Dates in general (how granular are you actually going to be? circa? text field, periods/ranges, etc)
Be realistic from the start
Consider using a chronology or resource like PeriodO so that your period or chronological designation is tied to a specific publication/source
Do not store information through design (i.e. hightlights, color coding text or groupings)
This type of formatting is frequently lost when you convert to different file types
It is easy to lose or forget to document what the formatting indicates, or is just not translatable to others
It can also be an accessibility issue for collaborators
Data backups – automated ideally, but don’t forget that a data backup should not rely on a specific service or software continuing to operate (you need to be able to get the data out)
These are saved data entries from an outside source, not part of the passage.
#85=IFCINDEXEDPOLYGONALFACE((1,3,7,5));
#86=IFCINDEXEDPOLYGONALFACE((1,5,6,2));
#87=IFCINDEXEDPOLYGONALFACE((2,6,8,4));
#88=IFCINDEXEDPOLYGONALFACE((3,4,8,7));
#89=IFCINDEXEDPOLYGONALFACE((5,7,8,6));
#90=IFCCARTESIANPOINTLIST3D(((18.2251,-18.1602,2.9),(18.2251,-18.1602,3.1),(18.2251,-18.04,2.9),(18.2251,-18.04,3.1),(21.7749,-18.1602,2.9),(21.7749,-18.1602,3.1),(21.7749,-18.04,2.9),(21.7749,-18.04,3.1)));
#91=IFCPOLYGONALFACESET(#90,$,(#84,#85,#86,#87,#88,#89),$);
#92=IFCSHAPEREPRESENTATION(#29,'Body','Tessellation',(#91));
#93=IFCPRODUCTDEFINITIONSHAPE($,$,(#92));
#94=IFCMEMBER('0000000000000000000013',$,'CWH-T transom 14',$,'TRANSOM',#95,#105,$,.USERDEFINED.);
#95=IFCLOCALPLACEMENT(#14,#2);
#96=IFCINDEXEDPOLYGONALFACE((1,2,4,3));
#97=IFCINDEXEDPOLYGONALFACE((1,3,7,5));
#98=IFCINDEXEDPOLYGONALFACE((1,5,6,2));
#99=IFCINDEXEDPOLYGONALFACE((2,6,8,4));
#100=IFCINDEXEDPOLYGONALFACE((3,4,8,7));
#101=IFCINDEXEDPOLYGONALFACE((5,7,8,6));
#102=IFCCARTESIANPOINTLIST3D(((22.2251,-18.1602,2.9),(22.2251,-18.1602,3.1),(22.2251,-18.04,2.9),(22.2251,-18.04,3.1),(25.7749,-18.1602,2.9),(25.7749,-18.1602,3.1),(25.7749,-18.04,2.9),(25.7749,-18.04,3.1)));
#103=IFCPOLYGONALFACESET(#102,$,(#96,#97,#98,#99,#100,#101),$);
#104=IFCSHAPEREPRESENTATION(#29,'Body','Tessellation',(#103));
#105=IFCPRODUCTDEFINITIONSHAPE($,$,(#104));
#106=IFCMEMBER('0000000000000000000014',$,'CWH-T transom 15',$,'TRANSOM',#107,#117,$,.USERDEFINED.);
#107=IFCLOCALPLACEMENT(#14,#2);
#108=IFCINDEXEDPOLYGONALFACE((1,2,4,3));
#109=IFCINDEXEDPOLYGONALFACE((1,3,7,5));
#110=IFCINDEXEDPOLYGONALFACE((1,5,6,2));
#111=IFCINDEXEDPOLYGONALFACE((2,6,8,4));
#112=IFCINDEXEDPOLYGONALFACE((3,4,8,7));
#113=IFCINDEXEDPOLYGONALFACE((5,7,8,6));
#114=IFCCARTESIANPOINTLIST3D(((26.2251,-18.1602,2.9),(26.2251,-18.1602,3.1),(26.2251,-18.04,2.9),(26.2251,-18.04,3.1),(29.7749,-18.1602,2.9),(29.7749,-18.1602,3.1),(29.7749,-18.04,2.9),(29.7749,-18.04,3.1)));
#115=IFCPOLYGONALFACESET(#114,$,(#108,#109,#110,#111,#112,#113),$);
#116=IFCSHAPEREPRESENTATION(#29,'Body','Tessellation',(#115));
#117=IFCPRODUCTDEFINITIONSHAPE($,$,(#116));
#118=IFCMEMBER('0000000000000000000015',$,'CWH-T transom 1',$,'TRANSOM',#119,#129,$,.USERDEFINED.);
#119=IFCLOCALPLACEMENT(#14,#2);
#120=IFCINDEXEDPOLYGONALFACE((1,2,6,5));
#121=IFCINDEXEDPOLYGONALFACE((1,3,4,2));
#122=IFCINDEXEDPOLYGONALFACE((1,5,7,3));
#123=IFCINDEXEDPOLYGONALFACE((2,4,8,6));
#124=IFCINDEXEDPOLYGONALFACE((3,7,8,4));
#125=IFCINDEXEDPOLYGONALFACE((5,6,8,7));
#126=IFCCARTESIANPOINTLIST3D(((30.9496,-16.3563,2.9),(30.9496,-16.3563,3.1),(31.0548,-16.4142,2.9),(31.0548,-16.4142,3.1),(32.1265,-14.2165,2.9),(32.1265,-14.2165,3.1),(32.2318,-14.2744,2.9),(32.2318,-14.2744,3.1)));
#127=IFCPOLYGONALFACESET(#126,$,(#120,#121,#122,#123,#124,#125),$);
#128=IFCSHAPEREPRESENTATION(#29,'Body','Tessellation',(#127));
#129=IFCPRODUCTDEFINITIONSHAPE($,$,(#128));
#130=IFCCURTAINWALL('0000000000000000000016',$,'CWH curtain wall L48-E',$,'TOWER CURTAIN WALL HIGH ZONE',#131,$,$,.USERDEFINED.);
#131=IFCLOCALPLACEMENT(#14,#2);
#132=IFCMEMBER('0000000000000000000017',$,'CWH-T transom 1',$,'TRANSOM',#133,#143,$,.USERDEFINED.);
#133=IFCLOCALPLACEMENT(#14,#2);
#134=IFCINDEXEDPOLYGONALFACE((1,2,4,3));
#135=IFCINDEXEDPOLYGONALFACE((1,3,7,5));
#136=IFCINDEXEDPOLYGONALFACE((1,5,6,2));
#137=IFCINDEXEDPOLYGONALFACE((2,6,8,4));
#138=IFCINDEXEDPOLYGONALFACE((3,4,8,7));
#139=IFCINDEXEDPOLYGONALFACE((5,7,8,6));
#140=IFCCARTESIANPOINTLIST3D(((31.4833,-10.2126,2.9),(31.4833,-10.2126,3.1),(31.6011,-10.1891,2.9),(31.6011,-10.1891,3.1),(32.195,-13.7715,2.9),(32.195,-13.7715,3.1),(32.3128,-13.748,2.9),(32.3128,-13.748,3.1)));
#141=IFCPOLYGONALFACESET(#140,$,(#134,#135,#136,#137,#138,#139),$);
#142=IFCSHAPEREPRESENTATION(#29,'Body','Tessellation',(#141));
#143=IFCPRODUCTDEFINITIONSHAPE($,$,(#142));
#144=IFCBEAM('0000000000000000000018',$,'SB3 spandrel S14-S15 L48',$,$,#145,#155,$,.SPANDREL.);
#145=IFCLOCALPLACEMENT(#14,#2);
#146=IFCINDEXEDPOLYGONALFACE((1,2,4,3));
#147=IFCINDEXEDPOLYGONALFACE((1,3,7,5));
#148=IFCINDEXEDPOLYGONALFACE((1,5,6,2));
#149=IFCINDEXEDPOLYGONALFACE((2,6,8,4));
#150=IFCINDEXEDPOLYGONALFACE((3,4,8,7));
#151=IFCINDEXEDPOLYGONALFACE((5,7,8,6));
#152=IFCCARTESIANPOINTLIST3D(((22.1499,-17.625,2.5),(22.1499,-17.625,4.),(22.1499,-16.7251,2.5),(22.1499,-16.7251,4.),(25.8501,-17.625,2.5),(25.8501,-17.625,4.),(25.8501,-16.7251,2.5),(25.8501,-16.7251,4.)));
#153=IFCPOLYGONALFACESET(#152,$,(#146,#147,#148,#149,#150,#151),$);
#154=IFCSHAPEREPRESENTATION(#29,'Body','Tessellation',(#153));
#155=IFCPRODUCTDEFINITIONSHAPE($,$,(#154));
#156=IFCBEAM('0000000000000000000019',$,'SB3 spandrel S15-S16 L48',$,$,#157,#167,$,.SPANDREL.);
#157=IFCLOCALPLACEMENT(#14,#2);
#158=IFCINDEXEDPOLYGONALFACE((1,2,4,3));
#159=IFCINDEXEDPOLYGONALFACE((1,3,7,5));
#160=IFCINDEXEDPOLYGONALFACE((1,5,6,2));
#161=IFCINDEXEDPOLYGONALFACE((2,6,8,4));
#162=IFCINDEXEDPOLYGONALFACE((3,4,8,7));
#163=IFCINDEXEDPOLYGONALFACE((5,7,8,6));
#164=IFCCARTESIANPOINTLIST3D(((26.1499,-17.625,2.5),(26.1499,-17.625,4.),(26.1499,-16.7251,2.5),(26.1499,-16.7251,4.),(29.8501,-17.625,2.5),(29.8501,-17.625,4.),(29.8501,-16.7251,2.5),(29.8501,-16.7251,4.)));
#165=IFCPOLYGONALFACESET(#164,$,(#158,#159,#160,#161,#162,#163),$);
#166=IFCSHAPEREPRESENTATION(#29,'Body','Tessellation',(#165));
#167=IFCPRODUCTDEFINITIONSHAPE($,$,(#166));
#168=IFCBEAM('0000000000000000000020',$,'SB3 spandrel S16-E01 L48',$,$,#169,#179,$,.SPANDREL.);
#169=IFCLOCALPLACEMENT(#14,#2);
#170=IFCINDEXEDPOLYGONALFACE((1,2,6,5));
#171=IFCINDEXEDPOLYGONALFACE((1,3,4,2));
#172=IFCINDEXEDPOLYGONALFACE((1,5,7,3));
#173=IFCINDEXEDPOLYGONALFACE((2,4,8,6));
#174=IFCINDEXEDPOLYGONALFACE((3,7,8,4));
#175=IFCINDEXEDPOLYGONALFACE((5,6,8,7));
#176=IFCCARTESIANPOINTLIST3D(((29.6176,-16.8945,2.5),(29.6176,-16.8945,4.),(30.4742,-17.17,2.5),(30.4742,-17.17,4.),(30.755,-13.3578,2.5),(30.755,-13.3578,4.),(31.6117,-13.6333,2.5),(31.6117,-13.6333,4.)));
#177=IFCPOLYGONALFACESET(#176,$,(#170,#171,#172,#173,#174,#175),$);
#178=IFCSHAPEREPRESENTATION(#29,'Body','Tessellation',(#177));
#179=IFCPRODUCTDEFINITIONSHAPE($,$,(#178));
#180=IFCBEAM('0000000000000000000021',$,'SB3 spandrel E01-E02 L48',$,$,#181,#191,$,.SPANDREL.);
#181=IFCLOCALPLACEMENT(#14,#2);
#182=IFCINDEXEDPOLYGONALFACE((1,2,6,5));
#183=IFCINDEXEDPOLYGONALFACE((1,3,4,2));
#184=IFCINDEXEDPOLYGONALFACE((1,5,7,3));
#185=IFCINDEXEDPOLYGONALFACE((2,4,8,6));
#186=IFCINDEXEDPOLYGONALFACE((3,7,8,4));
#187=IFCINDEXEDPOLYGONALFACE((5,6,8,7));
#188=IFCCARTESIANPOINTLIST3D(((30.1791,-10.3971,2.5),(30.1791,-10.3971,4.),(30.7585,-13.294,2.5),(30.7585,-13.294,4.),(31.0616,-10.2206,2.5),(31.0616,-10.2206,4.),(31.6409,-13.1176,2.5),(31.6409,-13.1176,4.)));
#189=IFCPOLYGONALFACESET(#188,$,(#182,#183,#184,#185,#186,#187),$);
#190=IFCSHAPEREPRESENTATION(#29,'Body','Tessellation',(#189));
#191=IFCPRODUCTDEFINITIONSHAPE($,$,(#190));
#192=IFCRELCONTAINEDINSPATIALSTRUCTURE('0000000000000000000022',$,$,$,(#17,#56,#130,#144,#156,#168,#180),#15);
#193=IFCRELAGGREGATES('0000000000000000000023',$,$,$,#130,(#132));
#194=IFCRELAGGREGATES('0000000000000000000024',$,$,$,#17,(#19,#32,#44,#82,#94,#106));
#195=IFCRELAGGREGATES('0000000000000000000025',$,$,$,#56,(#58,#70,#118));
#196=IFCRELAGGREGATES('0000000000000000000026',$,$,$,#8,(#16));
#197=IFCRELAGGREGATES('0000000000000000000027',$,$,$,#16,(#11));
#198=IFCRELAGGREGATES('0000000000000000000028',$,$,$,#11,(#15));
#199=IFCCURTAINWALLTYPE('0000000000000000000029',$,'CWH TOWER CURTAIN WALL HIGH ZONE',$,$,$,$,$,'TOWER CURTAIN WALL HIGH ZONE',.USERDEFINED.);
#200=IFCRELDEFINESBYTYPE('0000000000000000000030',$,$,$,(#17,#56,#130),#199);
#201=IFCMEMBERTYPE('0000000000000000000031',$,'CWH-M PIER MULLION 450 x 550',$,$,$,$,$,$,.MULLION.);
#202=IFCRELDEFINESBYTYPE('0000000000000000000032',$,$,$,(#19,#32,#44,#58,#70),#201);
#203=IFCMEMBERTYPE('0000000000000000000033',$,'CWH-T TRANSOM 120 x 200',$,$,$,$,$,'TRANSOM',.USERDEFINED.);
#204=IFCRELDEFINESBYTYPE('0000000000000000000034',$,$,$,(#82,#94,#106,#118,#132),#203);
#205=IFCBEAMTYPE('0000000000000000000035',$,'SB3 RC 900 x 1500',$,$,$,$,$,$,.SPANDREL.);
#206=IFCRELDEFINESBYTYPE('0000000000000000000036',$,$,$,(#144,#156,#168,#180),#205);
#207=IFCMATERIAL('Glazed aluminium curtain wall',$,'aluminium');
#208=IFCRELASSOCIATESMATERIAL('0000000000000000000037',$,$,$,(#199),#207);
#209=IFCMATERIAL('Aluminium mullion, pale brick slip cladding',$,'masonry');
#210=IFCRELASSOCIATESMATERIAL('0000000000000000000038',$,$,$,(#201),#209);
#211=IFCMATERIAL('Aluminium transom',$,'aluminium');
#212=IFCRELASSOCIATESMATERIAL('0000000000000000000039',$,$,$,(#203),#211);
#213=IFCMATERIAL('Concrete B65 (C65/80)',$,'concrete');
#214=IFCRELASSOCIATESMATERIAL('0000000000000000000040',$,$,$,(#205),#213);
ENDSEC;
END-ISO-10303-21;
Data entry differences – let’s be honest, nobody reads the manual
don’t rely on a guide or manual or single training session
include units in the field name
include a description of the field with an example of how the data should be entered next to field
regularly review data entered by others and hold discussions to ensure that everyone is on the same page
Measurement diagrams for the win
Quick sketches or standardized diagrams that show where a measurement was taken facilitate consistency and running analyses later
Sensitive data – flag fields that contain or may contain sensitive data from the start and plan how to handle them prior to publishing and/or depositing in a long-term preservation repository
Images, files and attachments being moved or stored in cloud syncing applications like Dropbox, Google Photos, Box
Databases frequently store a reference to the physical location of a file on a drive, not the actual file. If a file is moved or if a cloud storage system adjusts their conventions, the database will not be able to find the file without work on your part.
File naming and storage conventions
Keep an archive of raw data that is never edited aka make a copy of the file before doing any processing or running analyses
Make it clear what has been processed (and document how it was processed)
Consider whether you will be incorporating data from other sources and whether it should be stored differently (i.e. if you are going to be depositing this data also, do you need permission or the rights to deposit?)